Le gouvernement tchadien a officiellement annoncé son retrait de la Cour pénale internationale, critiquant une efficacité « limitée et à géométrie variable » de l’institution. Dans un communiqué diffusé par le porte-parole de l’exécutif, il souligne que cette décision fait suite à une évaluation approfondie du fonctionnement de la CPI depuis son lancement en 2002.

Le bilan de la Cour est vivement contesté : sur les treize enquêtes ouvertes depuis sa création, neuf visent des pays africains, contre seulement quatre dans d’autres régions, sans que des avancées significatives n’aient été enregistrées. Le porte-parole a également souligné que, à ce jour, seules sept personnes restent détenues, dont six dans le cadre de dossiers africains.
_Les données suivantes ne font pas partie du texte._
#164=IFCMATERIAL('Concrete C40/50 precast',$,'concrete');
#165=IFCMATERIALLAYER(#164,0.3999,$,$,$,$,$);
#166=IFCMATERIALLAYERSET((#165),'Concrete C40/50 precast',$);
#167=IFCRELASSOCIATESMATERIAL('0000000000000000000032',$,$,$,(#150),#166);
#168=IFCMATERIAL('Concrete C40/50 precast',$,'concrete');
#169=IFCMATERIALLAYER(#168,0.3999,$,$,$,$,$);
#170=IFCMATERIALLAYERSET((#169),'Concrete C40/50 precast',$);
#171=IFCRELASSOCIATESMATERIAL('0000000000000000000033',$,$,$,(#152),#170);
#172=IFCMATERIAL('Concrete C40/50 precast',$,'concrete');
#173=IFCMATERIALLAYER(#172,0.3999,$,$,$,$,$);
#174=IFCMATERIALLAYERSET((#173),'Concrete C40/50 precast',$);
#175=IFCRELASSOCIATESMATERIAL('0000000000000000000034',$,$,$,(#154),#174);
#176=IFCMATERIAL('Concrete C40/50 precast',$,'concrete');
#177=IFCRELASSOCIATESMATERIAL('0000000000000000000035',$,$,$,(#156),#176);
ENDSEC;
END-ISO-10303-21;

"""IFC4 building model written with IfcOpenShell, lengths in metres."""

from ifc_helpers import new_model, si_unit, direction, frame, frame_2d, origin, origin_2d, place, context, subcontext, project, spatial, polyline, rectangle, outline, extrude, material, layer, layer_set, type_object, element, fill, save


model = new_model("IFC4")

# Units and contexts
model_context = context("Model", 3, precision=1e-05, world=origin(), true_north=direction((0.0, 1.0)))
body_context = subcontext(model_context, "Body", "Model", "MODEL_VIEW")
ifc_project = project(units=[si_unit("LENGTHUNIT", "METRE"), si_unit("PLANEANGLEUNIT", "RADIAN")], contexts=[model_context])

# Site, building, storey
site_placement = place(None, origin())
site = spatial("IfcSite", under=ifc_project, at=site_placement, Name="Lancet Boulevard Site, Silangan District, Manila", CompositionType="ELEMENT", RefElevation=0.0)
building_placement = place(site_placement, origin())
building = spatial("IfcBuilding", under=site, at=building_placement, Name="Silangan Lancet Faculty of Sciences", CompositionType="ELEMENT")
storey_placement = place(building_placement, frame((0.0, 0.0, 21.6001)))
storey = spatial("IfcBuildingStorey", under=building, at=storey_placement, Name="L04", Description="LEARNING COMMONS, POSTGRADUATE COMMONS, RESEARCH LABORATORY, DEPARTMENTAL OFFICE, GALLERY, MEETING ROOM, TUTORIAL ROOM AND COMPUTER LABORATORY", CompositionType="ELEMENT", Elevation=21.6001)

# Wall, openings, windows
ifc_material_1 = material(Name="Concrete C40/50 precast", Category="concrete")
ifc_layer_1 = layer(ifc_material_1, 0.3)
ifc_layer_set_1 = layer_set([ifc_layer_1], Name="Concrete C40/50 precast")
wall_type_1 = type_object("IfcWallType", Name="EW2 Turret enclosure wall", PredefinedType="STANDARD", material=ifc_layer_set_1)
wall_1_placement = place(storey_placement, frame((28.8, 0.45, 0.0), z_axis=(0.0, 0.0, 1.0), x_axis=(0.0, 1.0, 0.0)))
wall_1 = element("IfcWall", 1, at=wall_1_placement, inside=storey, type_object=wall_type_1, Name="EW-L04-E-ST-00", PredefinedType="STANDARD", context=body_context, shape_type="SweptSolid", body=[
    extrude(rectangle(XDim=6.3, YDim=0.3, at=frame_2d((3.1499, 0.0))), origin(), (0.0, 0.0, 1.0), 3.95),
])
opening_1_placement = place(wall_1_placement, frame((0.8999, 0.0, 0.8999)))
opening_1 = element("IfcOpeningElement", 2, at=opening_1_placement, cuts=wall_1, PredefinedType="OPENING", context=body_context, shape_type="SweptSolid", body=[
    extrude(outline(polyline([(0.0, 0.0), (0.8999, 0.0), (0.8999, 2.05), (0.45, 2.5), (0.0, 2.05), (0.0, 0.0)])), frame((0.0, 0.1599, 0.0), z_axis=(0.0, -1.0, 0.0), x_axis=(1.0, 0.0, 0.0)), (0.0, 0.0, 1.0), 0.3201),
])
Une décision influencée par Washington

Cette annonce intervient après qu’un haut responsable américain a interpellé le Tchad sur le fonctionnement de la CPI. Le sous-secrétaire d’État américain en charge des Affaires africaines a sollicité, lors d’un échange téléphonique avec le ministre des Affaires étrangères tchadien, une réévaluation de l’adhésion du Tchad au Statut de Rome. Le communiqué américain évoquait des « préoccupations » quant à l’efficacité de l’institution.

Pourtant, le ministre tchadien des Affaires étrangères, Abdoulaye Sabre Fadoul, a tenu à préciser que cette décision ne résultait pas d’une pression extérieure. Interrogé sur le sujet, il a réaffirmé que le retrait s’inscrivait dans une démarche souveraine, indépendante de toute influence.

Un retrait aux conséquences juridiques majeures

Le Tchad prend cette mesure alors qu’il est lui-même sous le feu des projecteurs. L’armée soudanaise et plusieurs organisations non gouvernementales l’accusent de faciliter le transit d’armes en provenance des Émirats arabes unis vers les Forces de soutien rapide (FSR), engagées dans un conflit sanglant contre l’armée régulière soudanaise depuis avril 2023.

Cette décision risque de fragiliser les démarches en cours, notamment celle engagée en 2025 par des ONG pour dénoncer des crimes internationaux présumés, incluant l’acheminement d’armes vers les FSR. L’avocat français Vincent Brengarth, spécialiste des droits humains, a alerté sur les répercussions de ce retrait : « Au-delà des implications immédiates, cette décision affaiblit l’architecture internationale de justice et risque de permettre à des criminels de rester impunis. »

Les deux camps du conflit soudanais sont régulièrement pointés du doigt pour les exactions commises, notamment les attaques ciblées contre des civils et les bombardements aveugles de zones peuplées.

Quelques heures après le Tchad, le Venezuela a également annoncé son départ de la CPI, dénonçant un « biais géographique » ayant concentré les activités de l’institution sur des pays africains et latino-américains, au détriment du reste du monde.